There are about 2000 known phytonutrients and many others are being discovered all the time. And, you guessed it, they’re found in fruit, vegetables, herbs, spices, nuts, sprouts, and seeds. A single fruit or vegetable may contain more than 100 types of healing phytonutrients that basically make up the immune system of the plant. Once eaten, they impart their incredible healing abilities inside your body. The thousands of phytonutrients are categorized into families, including carotenoids, catechins, flavonoids, lipoic acid, phytoestrogens, polyphenols, sulfurophane, and others. Let’s explore the phytonutrient families and find out how you can include more of them in your diet.

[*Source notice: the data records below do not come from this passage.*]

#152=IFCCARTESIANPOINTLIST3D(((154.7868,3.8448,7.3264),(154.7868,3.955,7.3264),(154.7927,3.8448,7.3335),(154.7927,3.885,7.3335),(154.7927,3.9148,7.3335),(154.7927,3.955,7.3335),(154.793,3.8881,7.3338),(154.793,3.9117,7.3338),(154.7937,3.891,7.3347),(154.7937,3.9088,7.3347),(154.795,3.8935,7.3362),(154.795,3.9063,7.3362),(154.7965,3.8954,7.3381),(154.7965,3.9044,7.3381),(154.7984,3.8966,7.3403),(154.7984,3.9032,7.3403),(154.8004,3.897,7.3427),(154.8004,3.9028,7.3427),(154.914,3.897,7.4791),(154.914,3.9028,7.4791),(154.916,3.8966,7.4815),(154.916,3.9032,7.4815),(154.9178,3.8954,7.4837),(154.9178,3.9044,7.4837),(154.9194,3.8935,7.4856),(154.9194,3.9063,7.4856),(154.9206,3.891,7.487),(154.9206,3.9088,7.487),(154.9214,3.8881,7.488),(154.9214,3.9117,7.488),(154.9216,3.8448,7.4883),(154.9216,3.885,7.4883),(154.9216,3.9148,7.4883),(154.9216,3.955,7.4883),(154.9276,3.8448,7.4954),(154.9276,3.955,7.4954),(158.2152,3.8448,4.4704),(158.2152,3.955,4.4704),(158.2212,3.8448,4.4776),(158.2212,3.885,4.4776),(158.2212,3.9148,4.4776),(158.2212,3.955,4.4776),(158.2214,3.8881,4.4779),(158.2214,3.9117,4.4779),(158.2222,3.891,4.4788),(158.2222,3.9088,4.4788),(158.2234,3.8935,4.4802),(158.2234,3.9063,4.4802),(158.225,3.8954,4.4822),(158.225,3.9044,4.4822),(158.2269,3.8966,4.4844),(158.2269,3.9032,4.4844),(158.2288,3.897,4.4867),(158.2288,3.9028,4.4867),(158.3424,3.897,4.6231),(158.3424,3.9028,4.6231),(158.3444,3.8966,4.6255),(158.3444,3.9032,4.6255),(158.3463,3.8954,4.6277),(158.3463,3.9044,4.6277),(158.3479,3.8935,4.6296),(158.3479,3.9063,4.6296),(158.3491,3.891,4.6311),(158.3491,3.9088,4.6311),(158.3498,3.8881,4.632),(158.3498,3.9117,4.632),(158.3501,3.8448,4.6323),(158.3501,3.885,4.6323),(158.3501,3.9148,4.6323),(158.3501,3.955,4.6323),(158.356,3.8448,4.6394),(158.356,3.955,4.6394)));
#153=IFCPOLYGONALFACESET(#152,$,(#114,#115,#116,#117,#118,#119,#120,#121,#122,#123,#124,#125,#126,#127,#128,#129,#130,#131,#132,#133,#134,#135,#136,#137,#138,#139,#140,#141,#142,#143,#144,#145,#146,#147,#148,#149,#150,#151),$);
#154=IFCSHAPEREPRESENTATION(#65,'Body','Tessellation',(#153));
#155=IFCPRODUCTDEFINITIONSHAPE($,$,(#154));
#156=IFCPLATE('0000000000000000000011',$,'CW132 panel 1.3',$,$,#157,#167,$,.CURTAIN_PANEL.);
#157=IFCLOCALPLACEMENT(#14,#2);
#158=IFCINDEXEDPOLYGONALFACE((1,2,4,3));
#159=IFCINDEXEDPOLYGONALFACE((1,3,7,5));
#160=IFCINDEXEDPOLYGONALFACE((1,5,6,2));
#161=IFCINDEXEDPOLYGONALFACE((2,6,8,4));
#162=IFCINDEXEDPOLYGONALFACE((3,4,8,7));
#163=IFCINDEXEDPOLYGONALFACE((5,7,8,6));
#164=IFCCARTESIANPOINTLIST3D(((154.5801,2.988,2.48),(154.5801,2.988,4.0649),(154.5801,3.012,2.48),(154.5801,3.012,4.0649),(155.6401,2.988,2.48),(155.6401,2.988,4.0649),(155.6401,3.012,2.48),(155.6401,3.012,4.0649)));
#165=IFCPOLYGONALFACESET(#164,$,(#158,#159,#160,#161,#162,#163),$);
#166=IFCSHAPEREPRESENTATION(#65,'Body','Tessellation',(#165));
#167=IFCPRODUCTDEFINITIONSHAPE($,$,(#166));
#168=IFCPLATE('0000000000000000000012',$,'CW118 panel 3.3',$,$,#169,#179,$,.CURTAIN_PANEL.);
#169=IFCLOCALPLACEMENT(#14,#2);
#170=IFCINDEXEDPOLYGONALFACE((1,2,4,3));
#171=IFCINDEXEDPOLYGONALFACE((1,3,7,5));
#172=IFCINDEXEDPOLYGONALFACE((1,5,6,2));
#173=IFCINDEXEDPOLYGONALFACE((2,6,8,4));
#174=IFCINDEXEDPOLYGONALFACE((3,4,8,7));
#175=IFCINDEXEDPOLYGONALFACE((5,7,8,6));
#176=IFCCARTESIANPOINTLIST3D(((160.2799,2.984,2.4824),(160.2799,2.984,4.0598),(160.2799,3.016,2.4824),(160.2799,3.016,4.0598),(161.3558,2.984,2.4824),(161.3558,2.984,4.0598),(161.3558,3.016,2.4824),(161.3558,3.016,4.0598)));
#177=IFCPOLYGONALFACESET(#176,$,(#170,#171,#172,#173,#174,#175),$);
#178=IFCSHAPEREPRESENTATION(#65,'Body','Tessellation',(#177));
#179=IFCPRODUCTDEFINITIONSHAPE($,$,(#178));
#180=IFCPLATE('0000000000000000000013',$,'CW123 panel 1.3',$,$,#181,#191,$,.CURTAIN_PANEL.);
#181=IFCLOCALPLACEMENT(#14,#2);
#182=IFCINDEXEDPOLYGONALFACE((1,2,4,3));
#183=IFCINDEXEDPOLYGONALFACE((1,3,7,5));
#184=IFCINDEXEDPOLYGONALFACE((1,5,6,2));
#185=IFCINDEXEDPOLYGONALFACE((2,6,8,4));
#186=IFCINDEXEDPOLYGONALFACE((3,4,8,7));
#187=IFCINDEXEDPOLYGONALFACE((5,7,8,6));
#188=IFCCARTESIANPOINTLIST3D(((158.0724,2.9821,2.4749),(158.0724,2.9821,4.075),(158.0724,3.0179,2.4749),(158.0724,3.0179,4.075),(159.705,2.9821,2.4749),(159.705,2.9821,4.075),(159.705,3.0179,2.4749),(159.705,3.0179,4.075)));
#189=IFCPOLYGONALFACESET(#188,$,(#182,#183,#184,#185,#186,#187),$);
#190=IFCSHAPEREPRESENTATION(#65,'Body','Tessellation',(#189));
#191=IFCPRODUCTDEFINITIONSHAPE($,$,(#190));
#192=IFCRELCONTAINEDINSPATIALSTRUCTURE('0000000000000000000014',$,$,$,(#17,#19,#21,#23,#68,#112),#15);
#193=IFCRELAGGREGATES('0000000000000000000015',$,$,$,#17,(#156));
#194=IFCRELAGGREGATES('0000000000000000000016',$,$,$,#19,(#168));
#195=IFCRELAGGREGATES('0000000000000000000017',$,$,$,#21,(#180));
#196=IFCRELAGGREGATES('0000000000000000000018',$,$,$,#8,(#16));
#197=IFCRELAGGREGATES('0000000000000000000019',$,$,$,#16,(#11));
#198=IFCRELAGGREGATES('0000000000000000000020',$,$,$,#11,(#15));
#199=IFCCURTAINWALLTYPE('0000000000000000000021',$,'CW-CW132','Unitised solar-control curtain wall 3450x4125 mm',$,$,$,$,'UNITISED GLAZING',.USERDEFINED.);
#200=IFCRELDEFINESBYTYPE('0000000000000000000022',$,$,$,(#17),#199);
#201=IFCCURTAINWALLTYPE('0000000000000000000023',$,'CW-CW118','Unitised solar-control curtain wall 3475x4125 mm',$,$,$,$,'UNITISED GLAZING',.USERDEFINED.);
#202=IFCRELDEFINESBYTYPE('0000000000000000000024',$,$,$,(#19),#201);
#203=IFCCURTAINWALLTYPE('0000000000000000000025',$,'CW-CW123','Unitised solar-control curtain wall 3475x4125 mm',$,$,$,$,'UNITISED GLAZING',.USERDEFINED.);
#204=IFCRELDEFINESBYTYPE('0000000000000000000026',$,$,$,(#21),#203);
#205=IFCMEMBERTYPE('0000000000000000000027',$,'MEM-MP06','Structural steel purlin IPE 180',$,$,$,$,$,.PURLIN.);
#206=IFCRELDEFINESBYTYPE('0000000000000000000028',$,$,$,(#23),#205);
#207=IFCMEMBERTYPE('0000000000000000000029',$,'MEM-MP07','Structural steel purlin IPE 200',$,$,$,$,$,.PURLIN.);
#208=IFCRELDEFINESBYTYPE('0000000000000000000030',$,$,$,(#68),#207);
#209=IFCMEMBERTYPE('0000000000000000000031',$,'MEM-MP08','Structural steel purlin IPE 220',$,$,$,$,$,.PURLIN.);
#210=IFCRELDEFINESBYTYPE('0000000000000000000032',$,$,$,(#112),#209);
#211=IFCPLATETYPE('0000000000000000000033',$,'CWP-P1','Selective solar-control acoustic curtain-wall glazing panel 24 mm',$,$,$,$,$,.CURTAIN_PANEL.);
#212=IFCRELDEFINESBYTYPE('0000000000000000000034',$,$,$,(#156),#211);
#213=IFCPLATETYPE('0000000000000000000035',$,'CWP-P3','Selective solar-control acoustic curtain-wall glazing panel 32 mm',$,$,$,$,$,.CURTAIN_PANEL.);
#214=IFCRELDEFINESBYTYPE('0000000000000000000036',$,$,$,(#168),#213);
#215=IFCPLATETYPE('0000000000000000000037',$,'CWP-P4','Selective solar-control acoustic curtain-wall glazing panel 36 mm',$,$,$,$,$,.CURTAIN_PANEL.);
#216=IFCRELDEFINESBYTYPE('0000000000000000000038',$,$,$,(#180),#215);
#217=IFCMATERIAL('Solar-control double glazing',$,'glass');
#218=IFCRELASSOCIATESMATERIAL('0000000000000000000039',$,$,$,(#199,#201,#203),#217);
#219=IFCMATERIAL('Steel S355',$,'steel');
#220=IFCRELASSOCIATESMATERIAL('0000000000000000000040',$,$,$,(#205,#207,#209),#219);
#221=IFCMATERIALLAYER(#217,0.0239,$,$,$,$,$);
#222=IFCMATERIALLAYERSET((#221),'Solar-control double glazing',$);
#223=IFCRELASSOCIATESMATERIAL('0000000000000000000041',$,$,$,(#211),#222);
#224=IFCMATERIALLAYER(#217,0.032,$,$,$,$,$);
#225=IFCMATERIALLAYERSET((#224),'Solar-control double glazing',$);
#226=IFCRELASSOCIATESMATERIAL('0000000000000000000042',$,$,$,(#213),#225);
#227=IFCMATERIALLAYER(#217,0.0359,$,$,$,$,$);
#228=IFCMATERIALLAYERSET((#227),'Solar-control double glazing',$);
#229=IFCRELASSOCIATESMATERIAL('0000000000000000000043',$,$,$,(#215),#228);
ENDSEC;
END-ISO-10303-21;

And, don’t worry: It’s not necessary to memorize all the names of the phytonutrients or the foods in which they’re found to participate in The Life Force Diet. Over the next several weeks, I’ll be teaching you simple ways to get more phytonutrients in your diet. But for now, let me tell you about some of the main groups of phytonutrients to help you understand why you’d want to eat a diet that’s supercharged with them.
These natural, health-boosting substances give certain fruits their purple to reddish colour. Not only does research show that anthocyanins have the capacity to boost short-term memory by 100 percent in just eight weeks, they also stimulate the burning of stored fat in the body to be used as fuel.

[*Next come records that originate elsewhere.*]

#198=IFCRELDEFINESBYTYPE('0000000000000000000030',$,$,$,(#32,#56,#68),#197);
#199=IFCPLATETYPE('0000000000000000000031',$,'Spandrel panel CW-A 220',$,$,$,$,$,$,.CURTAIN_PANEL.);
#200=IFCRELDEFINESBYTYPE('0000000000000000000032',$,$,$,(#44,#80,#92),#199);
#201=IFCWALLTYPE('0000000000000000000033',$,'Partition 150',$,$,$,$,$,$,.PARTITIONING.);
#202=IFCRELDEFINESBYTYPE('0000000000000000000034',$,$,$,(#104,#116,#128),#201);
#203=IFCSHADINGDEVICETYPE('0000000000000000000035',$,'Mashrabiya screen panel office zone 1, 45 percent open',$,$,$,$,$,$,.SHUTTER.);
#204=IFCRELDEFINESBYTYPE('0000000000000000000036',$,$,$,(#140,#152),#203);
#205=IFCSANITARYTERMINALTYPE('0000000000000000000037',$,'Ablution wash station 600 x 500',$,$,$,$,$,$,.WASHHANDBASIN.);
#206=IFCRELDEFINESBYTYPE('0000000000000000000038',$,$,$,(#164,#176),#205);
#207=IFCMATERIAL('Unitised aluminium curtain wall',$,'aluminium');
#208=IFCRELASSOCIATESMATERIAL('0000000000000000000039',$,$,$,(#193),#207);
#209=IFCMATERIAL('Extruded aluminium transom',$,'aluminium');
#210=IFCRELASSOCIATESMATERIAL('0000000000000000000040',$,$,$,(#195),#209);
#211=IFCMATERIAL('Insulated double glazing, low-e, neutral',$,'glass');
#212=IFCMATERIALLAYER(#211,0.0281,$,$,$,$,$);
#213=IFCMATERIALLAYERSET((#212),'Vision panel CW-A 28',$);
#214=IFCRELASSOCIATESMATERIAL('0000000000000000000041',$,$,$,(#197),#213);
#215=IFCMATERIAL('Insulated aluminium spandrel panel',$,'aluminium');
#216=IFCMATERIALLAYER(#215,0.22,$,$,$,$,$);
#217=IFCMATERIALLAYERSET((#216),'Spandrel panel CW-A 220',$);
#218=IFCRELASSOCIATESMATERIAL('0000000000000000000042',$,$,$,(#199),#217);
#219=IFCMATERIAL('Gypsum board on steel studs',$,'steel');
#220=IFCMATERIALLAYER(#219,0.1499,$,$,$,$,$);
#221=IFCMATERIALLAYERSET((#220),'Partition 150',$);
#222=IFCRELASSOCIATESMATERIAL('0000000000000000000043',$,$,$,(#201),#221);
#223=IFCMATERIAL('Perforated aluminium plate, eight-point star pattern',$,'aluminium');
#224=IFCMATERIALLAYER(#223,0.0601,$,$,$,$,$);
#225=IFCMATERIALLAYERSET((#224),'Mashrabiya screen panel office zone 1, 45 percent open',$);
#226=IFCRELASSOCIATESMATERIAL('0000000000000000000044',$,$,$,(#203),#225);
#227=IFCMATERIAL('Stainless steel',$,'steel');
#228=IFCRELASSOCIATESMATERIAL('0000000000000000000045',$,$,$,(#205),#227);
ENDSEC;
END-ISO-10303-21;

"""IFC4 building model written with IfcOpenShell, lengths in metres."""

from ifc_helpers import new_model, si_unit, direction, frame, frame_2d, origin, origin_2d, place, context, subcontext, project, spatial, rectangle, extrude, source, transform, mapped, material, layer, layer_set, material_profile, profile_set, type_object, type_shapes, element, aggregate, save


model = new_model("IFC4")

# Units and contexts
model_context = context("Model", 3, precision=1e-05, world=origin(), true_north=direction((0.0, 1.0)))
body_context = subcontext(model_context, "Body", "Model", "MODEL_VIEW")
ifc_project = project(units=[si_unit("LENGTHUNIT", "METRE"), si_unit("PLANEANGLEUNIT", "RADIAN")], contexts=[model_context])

Up your intake: Anthocyanins are found in dark purple or red grapes, cherries, and berries, including blueberries, blackberries, raspberries, and strawberries.

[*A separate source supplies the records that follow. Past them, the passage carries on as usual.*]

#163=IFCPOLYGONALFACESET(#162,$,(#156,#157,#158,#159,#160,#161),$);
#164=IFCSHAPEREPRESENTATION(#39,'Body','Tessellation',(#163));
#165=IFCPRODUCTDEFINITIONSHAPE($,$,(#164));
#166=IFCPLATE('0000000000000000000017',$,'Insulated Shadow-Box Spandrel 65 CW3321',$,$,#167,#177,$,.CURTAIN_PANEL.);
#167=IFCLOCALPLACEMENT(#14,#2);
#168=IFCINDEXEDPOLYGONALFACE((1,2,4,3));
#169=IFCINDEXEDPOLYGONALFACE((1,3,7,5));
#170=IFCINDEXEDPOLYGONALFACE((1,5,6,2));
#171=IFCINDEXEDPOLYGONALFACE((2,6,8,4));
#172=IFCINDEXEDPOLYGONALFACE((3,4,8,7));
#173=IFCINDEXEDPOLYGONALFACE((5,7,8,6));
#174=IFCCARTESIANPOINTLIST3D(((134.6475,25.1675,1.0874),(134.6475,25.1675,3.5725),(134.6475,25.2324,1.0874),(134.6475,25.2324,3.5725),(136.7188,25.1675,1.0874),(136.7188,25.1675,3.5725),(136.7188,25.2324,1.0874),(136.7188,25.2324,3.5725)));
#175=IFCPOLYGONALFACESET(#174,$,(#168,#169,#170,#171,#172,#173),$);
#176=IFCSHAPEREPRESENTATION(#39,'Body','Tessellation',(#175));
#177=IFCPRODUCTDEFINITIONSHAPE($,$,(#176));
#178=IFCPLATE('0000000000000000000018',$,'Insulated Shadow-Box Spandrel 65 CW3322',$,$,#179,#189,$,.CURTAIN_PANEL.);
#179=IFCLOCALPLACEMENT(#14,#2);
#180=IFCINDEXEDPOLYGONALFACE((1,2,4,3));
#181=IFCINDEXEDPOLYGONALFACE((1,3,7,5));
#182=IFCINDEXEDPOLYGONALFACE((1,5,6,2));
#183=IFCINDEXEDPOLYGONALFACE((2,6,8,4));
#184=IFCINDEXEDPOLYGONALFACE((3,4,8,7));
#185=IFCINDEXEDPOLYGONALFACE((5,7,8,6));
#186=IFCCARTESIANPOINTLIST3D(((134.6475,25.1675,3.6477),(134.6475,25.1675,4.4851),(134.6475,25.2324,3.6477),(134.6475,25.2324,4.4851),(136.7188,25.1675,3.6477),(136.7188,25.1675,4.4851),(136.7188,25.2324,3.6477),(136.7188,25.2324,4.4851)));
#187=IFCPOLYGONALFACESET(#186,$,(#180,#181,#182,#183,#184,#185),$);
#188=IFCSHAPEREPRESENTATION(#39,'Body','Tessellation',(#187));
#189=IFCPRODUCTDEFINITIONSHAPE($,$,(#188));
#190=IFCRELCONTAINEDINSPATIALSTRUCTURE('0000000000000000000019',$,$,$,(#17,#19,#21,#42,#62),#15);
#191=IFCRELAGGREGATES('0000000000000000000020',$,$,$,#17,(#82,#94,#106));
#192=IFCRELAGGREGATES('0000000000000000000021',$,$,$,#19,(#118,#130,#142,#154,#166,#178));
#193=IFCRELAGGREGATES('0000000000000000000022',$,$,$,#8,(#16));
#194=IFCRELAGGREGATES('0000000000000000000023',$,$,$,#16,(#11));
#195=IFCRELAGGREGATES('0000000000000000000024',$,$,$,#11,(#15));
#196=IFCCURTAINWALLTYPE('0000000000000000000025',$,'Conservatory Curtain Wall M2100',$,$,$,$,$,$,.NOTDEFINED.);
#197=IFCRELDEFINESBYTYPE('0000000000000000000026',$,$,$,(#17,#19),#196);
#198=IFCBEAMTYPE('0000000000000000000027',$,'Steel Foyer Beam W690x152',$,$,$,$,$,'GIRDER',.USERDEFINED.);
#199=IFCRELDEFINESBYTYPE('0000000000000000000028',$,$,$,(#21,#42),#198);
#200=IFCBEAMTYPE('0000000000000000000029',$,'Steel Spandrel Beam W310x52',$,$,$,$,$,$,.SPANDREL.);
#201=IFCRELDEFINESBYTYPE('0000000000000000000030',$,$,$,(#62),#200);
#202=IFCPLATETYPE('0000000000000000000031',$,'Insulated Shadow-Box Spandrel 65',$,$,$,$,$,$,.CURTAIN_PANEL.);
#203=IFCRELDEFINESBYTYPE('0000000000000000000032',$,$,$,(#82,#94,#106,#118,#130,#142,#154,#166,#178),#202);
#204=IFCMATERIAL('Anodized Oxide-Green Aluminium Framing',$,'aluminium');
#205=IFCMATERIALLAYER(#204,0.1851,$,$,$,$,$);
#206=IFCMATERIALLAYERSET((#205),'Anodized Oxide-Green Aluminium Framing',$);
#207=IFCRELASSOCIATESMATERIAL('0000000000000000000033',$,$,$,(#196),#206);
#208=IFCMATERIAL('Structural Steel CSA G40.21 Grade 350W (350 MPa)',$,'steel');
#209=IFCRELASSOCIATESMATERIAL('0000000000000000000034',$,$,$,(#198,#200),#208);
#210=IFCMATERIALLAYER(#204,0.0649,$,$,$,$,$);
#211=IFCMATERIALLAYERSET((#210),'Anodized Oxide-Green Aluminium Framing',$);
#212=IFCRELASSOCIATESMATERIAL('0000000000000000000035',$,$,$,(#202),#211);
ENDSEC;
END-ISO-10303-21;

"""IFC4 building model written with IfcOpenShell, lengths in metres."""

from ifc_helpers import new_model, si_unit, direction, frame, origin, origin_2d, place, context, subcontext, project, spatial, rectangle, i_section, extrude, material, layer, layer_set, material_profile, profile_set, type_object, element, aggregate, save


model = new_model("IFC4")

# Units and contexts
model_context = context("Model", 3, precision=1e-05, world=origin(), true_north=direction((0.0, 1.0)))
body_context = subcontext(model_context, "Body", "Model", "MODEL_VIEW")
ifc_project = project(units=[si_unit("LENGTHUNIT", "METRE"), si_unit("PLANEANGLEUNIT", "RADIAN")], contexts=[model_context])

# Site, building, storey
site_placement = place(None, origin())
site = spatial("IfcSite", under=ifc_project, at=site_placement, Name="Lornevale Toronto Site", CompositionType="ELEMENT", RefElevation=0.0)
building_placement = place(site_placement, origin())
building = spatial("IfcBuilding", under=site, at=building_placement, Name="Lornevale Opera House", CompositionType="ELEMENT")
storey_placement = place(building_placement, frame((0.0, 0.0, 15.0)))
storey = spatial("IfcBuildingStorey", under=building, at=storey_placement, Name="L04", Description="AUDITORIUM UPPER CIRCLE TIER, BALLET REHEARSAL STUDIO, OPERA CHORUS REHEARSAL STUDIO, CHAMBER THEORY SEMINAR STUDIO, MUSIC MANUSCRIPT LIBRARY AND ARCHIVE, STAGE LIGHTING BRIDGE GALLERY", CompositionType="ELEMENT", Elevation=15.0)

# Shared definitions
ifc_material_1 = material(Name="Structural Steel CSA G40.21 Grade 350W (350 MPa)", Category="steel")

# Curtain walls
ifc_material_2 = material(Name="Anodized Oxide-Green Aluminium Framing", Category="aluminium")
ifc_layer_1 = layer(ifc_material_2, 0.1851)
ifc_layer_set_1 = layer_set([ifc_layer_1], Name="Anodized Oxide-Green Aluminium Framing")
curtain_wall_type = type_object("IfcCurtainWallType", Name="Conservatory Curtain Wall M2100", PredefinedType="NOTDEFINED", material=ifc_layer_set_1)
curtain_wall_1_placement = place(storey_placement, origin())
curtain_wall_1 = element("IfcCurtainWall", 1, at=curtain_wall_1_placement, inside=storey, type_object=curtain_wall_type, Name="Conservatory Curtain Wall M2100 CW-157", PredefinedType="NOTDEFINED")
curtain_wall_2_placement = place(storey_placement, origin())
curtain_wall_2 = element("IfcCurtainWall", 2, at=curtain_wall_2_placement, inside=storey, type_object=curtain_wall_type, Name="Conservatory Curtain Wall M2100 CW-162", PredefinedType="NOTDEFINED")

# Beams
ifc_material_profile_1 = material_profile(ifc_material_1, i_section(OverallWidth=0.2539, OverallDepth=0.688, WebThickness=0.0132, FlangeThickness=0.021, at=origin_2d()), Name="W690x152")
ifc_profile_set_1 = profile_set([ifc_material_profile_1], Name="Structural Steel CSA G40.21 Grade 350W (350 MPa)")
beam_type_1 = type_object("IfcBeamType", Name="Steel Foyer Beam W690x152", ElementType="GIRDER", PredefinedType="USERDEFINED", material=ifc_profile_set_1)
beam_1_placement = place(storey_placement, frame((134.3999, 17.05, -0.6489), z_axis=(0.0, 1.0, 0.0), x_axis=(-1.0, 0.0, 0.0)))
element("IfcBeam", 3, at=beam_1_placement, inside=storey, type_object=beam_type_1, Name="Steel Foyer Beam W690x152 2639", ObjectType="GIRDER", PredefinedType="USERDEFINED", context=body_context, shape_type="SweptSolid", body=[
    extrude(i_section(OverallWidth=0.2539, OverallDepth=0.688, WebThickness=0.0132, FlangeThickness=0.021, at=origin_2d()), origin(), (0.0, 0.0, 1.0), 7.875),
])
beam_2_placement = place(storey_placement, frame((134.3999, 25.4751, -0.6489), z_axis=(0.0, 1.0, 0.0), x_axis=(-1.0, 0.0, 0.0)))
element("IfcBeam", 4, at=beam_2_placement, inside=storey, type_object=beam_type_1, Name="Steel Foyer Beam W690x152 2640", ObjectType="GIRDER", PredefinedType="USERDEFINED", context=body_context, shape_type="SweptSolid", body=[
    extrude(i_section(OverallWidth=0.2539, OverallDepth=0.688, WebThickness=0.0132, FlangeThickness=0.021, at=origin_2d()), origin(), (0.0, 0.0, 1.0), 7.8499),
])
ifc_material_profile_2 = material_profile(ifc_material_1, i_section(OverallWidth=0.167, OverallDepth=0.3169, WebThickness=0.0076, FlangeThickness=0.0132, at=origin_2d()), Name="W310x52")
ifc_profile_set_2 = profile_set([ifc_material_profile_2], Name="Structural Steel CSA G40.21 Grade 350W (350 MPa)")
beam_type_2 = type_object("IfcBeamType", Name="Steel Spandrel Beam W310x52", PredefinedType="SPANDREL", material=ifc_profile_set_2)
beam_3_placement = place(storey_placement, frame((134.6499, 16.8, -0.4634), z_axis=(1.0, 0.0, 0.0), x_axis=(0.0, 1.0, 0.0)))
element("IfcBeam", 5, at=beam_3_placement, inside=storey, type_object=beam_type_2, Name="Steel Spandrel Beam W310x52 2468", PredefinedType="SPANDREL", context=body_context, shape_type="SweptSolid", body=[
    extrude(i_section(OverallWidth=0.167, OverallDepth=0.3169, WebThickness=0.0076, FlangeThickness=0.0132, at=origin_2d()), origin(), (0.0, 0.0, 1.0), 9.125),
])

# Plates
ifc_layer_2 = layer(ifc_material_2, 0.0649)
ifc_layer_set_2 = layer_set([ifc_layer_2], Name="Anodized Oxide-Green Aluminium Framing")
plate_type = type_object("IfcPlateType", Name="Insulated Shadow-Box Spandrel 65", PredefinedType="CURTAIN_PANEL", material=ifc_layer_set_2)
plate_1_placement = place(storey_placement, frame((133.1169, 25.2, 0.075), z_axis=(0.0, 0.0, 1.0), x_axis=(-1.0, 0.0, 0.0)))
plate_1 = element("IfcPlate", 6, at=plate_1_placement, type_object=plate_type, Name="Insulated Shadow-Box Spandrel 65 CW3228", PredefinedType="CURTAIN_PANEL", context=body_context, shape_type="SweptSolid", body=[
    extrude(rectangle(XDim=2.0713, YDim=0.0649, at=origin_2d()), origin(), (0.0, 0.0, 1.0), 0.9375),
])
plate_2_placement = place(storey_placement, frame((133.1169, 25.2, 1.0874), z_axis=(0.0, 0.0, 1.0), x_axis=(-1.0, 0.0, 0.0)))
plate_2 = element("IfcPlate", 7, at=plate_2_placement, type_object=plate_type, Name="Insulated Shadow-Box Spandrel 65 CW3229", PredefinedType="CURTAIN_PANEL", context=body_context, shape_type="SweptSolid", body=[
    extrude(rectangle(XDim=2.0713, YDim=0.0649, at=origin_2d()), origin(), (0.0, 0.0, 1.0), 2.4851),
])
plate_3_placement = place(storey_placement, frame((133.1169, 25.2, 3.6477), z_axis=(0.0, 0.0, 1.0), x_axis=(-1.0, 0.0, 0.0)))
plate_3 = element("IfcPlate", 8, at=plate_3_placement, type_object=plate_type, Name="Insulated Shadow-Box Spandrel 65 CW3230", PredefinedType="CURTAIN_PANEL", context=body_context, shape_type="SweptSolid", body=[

Not only do Cartenoids help strengthen your eyesight and boost your immunity to disease, they are powerful antioxidants that, in some studies, reduced the risk of cancer and protected against the effects of aging.
Up your intake: Carotenoids are the yellow, orange, and red pigments found in foods like carrots, sweet potatoes, apricots, mangoes, pumpkin, tomatoes, papaya, peaches, and other similarly colored foods as well as dark green vegetables like broccoli and leafy greens.
Want to lose weight? Be sure to add catechins to your diet since they activate fat-burning genes in abdominal fat cells to assist with weight loss, and belly fat loss in particular. According to research at Tufts University, catechins increase abdominal fat loss by 77 percent and double total weight loss.
Up your intake: Catechins are mainly found in green and black tea, as well as apples.
Flavonoids are the miracle nutrients we keep hearing about in the media lately; they interfere with the stages of the development of cancer cells. Resveratrol, a particular flavonoid found predominantly in grapes, has demonstrated its ability to protect the brain from damage.
Up your intake: Flavonoids are found in berries, cherries, currants, pomegranates, red and purple grapes, red onions, tomatoes, bell peppers, apple (skin), and walnuts.
Now you can understand why phytonutrients play such a critical role in your diet. In the coming weeks, you’ll learn more about the disease-preventing and even reversing powers of phytonutrients and how to get more of them in your diet.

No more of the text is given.